One of the first things Japanese Ambassador to Korea Bessho Koro noticed when he arrived in Korea about three months ago was the crowds routinely assembling outside his residence in the Seongbuk-dong neighborhood of Seoul ― gaggles of Japanese women aiming and clicking cameras.
But, to his chagrin, they were not there to get a shot of him. They were snapping pictures of the house across the street of actor Bae Yong-jun of “Winter Sonata” fame, a TV drama that first aired in 2002.
Bae is an example of the immense popularity of Korean pop culture in Japan but, importantly for relations between Korea and Japan, a hint to how ties can be strengthened through pop culture and, in particular, nation branding.
“Korea’s accomplishments have been outstanding in nation branding, and national branding has become important in the diplomatic world together with public diplomacy and soft power,” Bessho said in a speech during a luncheon hosted by the Presidential Council on Nation Branding at the Korea Press Center in downtown Seoul, Wednesday.
In his speech, Bessho proposed strengthening Korea-Japan ties through joint nation branding, cultural exchanges and other public diplomacy programs.

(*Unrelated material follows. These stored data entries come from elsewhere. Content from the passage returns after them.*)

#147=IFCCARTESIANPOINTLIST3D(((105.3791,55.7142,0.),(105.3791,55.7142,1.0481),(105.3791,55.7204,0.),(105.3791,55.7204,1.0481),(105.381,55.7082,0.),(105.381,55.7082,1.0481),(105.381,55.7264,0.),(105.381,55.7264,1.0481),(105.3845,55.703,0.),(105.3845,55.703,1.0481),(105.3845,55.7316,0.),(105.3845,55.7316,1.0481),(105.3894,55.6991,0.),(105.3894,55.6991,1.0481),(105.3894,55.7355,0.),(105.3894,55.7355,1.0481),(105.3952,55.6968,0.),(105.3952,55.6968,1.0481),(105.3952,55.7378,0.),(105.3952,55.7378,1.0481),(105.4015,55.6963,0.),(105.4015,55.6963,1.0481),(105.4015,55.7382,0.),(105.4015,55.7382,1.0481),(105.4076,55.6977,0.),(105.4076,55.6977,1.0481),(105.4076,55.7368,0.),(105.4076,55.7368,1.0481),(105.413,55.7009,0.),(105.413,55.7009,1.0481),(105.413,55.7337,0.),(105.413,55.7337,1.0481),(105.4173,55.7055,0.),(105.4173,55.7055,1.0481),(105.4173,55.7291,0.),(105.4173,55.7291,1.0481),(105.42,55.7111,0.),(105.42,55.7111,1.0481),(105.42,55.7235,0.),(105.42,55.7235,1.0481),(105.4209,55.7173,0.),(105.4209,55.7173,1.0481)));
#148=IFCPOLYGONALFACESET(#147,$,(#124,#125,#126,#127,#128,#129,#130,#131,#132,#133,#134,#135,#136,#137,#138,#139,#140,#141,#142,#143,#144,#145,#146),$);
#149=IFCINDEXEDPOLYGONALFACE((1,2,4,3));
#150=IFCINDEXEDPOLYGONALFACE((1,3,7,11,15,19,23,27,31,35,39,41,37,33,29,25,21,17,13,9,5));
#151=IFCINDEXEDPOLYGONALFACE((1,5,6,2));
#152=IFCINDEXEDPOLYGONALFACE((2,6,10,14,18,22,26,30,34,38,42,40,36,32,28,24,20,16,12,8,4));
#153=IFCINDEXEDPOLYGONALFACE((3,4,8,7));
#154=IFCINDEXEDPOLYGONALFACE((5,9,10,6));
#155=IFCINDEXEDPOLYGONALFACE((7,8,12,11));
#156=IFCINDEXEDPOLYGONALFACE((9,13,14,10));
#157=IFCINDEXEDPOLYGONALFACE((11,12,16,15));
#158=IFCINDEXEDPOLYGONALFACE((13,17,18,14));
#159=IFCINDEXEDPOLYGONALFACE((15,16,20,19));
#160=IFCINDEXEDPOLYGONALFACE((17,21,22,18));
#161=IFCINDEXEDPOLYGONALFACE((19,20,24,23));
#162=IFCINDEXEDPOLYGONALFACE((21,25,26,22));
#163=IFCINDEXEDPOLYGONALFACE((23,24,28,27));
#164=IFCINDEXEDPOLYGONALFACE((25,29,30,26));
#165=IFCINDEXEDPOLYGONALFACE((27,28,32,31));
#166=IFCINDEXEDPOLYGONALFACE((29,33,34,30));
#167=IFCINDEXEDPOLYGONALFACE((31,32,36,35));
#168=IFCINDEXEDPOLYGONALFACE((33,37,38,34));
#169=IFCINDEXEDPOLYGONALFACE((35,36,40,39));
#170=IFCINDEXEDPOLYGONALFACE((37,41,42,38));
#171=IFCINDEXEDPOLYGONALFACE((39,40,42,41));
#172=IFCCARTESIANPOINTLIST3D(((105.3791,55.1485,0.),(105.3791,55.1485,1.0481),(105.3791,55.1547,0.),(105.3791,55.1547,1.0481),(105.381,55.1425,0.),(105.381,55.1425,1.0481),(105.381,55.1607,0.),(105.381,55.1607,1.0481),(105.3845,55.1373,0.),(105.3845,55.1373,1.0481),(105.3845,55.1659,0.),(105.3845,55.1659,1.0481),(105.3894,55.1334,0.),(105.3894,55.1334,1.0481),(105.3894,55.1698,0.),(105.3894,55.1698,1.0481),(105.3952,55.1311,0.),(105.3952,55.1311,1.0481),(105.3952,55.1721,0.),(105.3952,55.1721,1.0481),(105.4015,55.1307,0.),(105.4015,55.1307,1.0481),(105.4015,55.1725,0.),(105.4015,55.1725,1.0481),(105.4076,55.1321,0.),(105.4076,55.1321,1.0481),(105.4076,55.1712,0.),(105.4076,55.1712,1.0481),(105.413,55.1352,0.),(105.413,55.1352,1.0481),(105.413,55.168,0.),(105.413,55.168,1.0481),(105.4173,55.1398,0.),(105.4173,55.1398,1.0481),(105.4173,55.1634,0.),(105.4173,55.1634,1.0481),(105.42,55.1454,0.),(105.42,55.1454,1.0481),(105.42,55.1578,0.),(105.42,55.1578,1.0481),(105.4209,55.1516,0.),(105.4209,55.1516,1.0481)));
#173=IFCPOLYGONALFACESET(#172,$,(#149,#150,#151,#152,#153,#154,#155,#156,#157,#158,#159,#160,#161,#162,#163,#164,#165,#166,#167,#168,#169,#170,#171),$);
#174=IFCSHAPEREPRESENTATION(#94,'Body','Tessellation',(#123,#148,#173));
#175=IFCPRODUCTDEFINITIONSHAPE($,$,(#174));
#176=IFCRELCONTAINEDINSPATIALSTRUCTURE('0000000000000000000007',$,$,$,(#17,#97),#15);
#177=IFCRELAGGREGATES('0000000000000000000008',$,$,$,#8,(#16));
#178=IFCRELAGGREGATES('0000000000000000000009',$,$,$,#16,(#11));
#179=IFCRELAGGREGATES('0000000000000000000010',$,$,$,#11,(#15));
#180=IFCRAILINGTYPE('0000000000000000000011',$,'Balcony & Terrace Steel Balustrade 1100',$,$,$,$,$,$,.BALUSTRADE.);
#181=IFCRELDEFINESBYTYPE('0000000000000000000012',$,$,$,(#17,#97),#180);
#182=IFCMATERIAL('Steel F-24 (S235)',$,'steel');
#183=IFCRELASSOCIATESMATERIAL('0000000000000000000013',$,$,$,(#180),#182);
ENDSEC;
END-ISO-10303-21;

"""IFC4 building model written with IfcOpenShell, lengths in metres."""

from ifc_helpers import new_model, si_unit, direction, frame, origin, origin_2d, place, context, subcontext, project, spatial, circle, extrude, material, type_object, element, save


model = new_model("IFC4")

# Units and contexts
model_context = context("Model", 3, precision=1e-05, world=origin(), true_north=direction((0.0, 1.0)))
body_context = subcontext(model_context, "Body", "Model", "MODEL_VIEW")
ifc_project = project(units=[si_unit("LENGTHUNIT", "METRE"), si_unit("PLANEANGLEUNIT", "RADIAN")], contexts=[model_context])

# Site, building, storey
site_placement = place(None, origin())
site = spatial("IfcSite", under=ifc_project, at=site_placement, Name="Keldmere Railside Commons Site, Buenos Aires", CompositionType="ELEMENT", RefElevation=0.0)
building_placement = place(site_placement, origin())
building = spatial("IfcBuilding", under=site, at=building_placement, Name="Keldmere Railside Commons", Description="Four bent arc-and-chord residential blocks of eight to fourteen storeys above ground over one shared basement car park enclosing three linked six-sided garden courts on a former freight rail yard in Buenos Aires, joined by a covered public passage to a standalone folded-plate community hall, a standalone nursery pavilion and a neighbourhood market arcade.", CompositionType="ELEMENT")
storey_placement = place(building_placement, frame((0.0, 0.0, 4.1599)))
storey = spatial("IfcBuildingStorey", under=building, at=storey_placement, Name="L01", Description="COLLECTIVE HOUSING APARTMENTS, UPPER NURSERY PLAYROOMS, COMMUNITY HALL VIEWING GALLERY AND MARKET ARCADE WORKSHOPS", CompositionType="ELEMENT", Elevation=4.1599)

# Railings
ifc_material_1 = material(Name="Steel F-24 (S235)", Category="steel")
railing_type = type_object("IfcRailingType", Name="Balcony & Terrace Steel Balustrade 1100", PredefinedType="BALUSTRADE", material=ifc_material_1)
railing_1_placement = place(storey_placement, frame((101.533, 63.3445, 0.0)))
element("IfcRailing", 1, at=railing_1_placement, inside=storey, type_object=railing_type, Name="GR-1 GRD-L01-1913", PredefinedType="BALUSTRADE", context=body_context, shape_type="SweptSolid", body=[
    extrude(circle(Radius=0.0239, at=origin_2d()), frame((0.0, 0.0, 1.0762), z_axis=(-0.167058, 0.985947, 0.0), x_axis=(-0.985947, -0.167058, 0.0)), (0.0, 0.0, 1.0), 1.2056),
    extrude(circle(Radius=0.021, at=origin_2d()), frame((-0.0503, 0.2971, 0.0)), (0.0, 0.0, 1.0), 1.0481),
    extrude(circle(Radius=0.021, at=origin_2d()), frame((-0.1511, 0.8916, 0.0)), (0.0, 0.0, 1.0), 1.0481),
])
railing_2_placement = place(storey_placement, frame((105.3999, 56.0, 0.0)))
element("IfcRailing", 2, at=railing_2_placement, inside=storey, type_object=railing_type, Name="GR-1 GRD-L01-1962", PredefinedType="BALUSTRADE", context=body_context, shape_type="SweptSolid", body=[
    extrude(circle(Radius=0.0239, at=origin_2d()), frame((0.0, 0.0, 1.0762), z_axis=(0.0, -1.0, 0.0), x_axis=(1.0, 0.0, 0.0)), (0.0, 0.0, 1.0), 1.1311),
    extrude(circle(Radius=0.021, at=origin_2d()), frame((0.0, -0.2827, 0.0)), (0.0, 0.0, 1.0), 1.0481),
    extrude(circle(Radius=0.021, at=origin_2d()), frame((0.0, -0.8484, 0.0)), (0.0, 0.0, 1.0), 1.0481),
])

“My hope is that we can make a joint Japan-Korea brand out of this in collaboration with third countries bringing together the strengths of Korean and Japanese industries working together by appealing to the world as Korea and Japan partners,” he said.
|
Japanese Ambassador to Korea Bessho Koro gestures during a speech hosted by the Presidential Council on Nation Branding at the Korea Press Center in downtown Seoul on Wednesday. (Philip Iglauer/The Korea Herald) |
Bessho’s proposal comes as a simmering confrontation between China and Japan over the islands called Senkaku in Japan and Diaoyu in China intensified to its most dangerous level to date, and as tensions once again flared between Korea and Japan over the Dokdo islets (which Japan calls Takeshima).
Korea and Japan have historical and other conflicts, too, in part stemming from Japan’s colonization of Korea in the early 20th century, as well as mutual cultural misperceptions and conflicts over how to interpret history.
Relations were on particularly rocky terrain through the 2000s, ever since a controversial history textbook was approved by Japan’s ministry of education and, on the surface at least, two-way ties have not really recovered since.
Decades of diplomatic efforts have failed to solve these problems. So, Korea, Japan and China are now working on creative solutions to these confrontations.
Ma Young-sam, ambassador for public diplomacy at Korea’s Ministry of Foreign Affairs and Trade, said that Korea, Japan and China are already working on ways together to leverage the enormous soft power each has individually to help solve perennial tensions among the three nations.
“Tensions among the three countries require many kinds of solutions, including political, economic and cultural,” Ma said. “So, we think people-to-people exchanges and joint cultural events provide the most basic, but also the most effective and fundamental solutions to these tensions.”
Ma said that when leaders of the three countries met in Beijing in May 2012 for the 5th Trilateral Cooperation Summit, they agreed to explore establishing a public diplomacy forum that would enhance ties on that fundamental level ― people-to-people relations.
“It is important to have a multilateral structure that includes Japan, Korea and China that cultivates cooperation between these three countries,“ Bessho said in the speech, echoing the agreement formed at the trilateral summit in Beijing.
Bessho harkened to the halcyon days of good relations between Korea and Japan that hummed along for a few years after the Kim Dae-jung-Obuchi Keizo summit in October 1998.
Since then, people-to-people exchanges are in the millions annually and two-way trade about $80 billion a year, making Korea Japan’s third-largest trading partner and Japan Korea’s second largest.
“I greatly respect the decision by Kim Dae-jung to open Korea to Japanese culture,” Bessho said. The two leaders took political risks that paid dividends for the Japanese and Korean people, he said.
That agreement paved the way for the success of hallyu in Japan. First, Bae Yong-jun in 2002 and later BoA in 2005 laid the groundwork for other K-pop sensations to make inroads on Japan’s Oricon charts, like Super Junior, DBSK, and Girls’ Generation, not to mention Psy.
Japanese dramas are still more or less prohibited on Korean television, however, and Bessho made a pitch for Korea to open up to must-see Japanese TV.
“I am Mita, Your Housekeeper,” which was a Japanese audience favorite in 2011, a story revolving around a family grieving over their mother’s recent suicide. They hire Mita as a housekeeper to look after the house, which has been thrown into disarray. Such a show could be a big hit in Korea, too.
“If we could extend it to Japanese dramas on ordinary Korean TV it could provide an additional breakthrough in mutual understanding,” Bessho said.